I've learned a lot about freshwater tanks in the years I've been in the hobby and now I'm taking my tanks in another direction learning about biotopes and hydroponics.

The idea is to never stop learning.

Thanks again for the comment. Pro or con, I welcome all of them.

B


----------



## Brian757 (Sep 24, 2012)

I love your tank(s)! It strays from the typical! Its like the freshwater version of saltwater stands for frags:









I love freshwater plants and more power to you for being able to keep them alive and obviously thriving! If you ever get TOO full of plants, I would love to take some off your hands 
Keep up the aquatic green thumb!


----------



## BBradbury (Apr 22, 2011)

Hello Bri...

Thanks for the post. The plants are easy to keep. I get them at my local grocery store in the floral department. The Aglaonema (Chinese Evergreen), any variety work the best, but there are others like Peace lily, Impatiens, Nephthytis, Pothos and Philodendron. These are all inexpensive.

Thanks again,

B


----------



## Brian757 (Sep 24, 2012)

Your welcome. I say you go out to Home Depot, get some potting soil, get pea gravel and completely empty your tank. Lay out the soil, wet it down, then lay out your pea gravel. Take all plants out of their pots and then plant them! That would look awesome! They would also not be restricted to rooting inside of a pot, they would be able to branch out.


----------



## BBradbury (Apr 22, 2011)

Brian757 said:


> Your welcome. I say you go out to Home Depot, get some potting soil, get pea gravel and completely empty your tank. Lay out the soil, wet it down, then lay out your pea gravel. Take all plants out of their pots and then plant them! That would look awesome! They would also not be restricted to rooting inside of a pot, they would be able to branch out.


Hello again..

I like that idea. It's different than the one I'm working on. Actually, the pots have Miracle Gro organic potting soil in them. It's covered by the pea-sized tank gravel.
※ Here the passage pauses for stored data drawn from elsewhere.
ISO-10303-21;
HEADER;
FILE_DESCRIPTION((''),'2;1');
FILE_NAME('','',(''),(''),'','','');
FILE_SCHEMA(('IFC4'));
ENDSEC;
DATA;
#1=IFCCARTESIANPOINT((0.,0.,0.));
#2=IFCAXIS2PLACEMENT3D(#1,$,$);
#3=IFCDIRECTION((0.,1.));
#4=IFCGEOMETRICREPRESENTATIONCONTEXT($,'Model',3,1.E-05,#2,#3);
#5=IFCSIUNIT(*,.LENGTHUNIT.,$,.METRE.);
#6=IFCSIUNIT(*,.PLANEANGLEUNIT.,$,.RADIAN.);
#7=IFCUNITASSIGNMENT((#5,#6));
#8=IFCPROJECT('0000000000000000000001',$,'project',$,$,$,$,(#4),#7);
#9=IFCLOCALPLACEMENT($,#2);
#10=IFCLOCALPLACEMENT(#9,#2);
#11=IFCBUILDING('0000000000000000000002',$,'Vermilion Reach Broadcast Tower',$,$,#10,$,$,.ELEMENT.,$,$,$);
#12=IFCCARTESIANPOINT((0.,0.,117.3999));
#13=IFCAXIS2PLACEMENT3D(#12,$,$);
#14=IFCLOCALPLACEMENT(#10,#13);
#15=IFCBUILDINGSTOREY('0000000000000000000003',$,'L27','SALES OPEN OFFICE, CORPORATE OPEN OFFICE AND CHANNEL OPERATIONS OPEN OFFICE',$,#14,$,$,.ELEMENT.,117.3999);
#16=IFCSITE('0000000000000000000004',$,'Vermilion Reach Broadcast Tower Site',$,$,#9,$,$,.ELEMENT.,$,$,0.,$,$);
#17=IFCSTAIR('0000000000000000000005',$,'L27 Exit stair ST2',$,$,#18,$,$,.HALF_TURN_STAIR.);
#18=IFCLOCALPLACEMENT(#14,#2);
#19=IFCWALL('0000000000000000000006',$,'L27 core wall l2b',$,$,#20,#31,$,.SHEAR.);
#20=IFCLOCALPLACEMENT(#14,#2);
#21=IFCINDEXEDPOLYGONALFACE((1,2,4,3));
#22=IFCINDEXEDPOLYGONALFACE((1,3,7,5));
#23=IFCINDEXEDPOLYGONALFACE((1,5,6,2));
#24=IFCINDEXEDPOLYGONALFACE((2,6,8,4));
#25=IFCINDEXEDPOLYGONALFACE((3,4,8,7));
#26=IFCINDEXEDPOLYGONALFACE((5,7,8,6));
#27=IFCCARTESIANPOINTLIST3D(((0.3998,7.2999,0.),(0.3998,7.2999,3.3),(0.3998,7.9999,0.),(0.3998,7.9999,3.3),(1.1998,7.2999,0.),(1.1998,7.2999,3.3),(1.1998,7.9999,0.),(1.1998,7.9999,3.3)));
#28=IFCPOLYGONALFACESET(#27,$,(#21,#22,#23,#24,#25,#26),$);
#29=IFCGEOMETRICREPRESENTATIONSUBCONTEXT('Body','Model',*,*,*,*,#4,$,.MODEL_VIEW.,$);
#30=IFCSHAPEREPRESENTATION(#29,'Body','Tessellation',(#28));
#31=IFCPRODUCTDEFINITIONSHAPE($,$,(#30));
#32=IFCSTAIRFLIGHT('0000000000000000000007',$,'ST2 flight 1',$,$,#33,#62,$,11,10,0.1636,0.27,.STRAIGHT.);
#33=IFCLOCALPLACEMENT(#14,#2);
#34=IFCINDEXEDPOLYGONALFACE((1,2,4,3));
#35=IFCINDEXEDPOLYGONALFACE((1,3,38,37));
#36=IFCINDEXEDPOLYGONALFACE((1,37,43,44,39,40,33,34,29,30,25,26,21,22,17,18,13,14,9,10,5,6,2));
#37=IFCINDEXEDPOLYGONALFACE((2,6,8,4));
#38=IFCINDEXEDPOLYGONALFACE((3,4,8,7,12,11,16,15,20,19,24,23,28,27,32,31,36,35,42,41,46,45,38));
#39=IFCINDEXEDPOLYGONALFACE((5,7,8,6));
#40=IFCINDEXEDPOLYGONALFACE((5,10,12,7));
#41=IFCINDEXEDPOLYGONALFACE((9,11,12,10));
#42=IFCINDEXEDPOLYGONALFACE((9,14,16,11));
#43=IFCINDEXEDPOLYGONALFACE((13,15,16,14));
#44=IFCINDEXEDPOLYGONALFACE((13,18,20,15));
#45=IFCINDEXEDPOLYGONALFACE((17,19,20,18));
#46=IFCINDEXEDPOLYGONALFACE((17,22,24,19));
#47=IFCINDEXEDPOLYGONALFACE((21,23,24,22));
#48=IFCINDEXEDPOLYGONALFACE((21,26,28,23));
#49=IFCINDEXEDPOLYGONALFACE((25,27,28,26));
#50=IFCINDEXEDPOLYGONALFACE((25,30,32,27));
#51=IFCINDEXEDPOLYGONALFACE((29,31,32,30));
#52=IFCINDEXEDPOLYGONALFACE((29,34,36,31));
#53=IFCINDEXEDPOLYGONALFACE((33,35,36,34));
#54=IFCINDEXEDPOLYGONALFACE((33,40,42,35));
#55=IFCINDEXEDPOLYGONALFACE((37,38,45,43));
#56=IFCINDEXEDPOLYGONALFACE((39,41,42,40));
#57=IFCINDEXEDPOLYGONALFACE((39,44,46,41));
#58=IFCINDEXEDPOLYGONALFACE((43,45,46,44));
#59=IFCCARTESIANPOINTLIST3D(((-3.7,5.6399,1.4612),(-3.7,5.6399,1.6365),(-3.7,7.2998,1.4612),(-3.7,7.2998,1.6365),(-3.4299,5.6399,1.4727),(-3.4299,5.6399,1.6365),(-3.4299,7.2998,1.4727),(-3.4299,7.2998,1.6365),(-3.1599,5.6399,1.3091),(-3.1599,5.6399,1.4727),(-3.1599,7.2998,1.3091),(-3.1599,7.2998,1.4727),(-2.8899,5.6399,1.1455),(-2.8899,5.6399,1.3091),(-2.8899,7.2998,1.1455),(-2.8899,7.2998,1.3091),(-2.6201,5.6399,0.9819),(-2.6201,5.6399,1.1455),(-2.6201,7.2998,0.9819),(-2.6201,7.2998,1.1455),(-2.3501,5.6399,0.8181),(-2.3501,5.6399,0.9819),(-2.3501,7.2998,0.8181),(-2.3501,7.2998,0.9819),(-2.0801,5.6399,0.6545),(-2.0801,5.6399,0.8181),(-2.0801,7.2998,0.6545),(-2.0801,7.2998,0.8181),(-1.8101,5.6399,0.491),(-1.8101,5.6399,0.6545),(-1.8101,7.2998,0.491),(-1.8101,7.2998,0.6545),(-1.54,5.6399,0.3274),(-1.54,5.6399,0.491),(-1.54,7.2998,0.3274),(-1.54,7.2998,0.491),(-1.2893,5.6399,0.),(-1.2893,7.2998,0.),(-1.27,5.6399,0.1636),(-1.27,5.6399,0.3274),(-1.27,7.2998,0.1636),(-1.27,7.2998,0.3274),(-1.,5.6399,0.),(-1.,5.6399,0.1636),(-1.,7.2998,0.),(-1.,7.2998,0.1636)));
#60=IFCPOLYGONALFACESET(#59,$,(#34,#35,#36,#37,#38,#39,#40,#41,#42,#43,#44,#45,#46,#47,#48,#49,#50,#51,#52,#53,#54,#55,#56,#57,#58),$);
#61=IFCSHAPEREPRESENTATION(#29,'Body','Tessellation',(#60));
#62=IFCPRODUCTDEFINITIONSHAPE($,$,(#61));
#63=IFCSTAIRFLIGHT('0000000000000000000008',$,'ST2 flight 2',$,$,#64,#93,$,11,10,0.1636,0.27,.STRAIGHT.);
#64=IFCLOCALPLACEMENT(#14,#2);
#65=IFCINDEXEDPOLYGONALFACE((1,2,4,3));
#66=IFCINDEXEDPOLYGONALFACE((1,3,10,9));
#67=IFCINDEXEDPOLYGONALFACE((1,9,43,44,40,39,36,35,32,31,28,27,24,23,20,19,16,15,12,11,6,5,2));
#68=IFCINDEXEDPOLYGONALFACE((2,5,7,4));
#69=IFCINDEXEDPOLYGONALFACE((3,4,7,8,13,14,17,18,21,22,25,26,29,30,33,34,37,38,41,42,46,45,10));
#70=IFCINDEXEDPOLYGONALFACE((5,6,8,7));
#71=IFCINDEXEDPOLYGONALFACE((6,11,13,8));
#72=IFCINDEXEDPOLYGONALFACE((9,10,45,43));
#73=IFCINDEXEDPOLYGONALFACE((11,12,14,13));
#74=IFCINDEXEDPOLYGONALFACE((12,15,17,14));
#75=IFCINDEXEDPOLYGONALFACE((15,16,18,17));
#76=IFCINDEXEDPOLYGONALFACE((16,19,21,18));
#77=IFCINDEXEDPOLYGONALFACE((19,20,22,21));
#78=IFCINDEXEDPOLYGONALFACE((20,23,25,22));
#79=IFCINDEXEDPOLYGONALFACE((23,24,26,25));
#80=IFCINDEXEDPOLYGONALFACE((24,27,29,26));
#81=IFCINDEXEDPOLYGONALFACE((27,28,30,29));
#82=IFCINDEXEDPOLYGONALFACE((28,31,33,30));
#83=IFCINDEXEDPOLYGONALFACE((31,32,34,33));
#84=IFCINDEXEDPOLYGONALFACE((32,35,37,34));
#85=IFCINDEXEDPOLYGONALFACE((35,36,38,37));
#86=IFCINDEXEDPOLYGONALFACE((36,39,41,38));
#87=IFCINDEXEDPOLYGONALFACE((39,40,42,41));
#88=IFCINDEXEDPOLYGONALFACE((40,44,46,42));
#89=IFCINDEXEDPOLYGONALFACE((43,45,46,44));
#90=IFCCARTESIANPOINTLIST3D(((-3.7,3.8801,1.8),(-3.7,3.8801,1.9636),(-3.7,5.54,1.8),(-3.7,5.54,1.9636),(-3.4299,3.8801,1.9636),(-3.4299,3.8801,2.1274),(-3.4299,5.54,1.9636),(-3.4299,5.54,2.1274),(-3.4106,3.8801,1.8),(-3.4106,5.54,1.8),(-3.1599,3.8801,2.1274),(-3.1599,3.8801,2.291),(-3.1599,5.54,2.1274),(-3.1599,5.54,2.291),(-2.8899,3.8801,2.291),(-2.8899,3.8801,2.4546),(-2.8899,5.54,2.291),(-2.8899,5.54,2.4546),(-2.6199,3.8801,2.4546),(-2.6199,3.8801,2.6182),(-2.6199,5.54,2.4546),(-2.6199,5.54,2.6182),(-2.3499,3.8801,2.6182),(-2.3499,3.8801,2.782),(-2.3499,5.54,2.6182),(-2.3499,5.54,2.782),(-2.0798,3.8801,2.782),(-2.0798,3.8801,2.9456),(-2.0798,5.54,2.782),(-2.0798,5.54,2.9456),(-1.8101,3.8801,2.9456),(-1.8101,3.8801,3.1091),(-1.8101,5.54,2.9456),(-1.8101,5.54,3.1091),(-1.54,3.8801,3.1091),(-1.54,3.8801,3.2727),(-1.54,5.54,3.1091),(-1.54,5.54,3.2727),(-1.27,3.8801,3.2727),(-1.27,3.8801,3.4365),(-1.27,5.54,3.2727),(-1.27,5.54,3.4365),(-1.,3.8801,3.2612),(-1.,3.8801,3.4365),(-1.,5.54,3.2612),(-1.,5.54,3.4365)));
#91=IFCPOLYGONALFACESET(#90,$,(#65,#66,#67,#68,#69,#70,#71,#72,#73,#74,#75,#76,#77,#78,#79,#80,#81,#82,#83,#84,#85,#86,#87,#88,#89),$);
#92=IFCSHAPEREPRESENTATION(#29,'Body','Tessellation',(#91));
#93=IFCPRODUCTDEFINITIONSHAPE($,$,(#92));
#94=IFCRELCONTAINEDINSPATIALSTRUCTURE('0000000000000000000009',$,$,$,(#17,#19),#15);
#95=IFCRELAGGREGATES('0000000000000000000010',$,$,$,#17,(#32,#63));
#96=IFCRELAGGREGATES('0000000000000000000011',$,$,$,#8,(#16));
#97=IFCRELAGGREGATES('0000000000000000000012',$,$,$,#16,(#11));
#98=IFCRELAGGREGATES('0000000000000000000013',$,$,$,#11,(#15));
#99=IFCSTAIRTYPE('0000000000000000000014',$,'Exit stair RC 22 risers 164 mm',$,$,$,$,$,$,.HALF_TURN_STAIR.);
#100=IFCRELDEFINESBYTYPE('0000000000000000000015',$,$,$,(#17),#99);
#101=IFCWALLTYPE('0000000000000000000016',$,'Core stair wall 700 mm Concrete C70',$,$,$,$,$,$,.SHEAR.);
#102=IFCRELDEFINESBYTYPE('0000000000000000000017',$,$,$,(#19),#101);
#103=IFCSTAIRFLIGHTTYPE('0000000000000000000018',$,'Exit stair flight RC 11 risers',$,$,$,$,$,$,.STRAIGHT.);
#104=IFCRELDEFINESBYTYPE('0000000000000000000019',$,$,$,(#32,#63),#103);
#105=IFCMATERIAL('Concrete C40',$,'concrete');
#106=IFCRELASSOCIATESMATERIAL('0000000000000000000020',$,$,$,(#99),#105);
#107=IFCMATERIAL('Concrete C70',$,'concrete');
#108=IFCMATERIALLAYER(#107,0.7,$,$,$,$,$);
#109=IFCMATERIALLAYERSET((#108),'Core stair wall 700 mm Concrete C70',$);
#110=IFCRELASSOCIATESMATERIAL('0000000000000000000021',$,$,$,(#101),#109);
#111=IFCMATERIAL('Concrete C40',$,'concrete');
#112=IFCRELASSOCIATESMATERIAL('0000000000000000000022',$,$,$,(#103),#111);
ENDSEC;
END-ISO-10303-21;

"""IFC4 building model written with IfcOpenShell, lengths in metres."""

from ifc_helpers import new_model, si_unit, direction, frame, frame_2d, origin, place, context, subcontext, project, spatial, polyline, rectangle, outline, extrude, material, layer, layer_set, type_object, element, aggregate, save


model = new_model("IFC4")

# Units and contexts
model_context = context("Model", 3, precision=1e-05, world=origin(), true_north=direction((0.0, 1.0)))
body_context = subcontext(model_context, "Body", "Model", "MODEL_VIEW")
ifc_project = project(units=[si_unit("LENGTHUNIT", "METRE"), si_unit("PLANEANGLEUNIT", "RADIAN")], contexts=[model_context])

# Site, building, storey
site_placement = place(None, origin())
site = spatial("IfcSite", under=ifc_project, at=site_placement, Name="Vermilion Reach Broadcast Tower Site", CompositionType="ELEMENT", RefElevation=0.0)
building_placement = place(site_placement, origin())
building = spatial("IfcBuilding", under=site, at=building_placement, Name="Vermilion Reach Broadcast Tower", CompositionType="ELEMENT")
storey_placement = place(building_placement, frame((0.0, 0.0, 117.3999)))
storey = spatial("IfcBuildingStorey", under=building, at=storey_placement, Name="L27", Description="SALES OPEN OFFICE, CORPORATE OPEN OFFICE AND CHANNEL OPERATIONS OPEN OFFICE", CompositionType="ELEMENT", Elevation=117.3999)

# Stair
ifc_material_1 = material(Name="Concrete C40", Category="concrete")
stair_type = type_object("IfcStairType", Name="Exit stair RC 22 risers 164 mm", PredefinedType="HALF_TURN_STAIR", material=ifc_material_1)
placement_1 = place(storey_placement, origin())
stair_1 = element("IfcStair", 1, at=placement_1, inside=storey, type_object=stair_type, Name="L27 Exit stair ST2", PredefinedType="HALF_TURN_STAIR")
The pots have holes in the bottom, so the plant roots, by now, have grown into the gravel on the bottom of the tank. The plants in the small pots are low light, so they grow very slowly. The emersed plants above grow pretty quickly. All I have is a 20 watt, T12 for the aquatic plants and a 60 watt eco bulb for the land plants.
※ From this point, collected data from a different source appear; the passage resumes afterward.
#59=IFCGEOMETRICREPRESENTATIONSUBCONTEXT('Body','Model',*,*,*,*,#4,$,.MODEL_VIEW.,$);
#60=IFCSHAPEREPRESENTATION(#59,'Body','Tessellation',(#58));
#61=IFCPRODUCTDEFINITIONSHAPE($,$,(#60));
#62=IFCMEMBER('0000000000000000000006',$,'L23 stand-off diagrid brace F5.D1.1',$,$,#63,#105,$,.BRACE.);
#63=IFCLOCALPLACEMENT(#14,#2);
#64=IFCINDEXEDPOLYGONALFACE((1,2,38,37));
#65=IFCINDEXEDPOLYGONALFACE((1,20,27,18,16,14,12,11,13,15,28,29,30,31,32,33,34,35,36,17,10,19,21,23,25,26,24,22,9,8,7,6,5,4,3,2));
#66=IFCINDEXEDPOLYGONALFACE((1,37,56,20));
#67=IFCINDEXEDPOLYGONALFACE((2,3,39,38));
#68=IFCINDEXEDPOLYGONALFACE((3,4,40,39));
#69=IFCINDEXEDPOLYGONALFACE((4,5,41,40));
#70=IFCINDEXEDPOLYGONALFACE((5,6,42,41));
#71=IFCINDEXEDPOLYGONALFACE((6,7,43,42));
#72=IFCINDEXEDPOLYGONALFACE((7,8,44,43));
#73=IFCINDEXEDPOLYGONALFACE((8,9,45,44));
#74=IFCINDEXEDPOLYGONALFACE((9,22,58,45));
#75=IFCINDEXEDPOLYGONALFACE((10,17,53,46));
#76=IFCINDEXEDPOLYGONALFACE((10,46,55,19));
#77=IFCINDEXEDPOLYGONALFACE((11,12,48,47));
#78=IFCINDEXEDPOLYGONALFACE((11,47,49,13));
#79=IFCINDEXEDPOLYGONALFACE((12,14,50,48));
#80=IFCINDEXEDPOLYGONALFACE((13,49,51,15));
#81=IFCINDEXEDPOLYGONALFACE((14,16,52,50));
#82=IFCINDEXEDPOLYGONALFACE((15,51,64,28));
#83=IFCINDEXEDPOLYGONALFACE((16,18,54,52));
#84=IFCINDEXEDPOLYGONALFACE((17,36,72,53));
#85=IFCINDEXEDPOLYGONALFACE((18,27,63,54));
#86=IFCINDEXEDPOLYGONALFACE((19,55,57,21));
I have several larger tanks and all have a wooden frame with plastic netting to hold the land plants in place. The tanks have been running for several years, but the land plants were added this summer.

No serious water changes are needed and the water chemistry remains stable. I just replace water lost to evaporation and add a little liquid fert when I top off the tanks.

Your interest is appreciated.

B


----------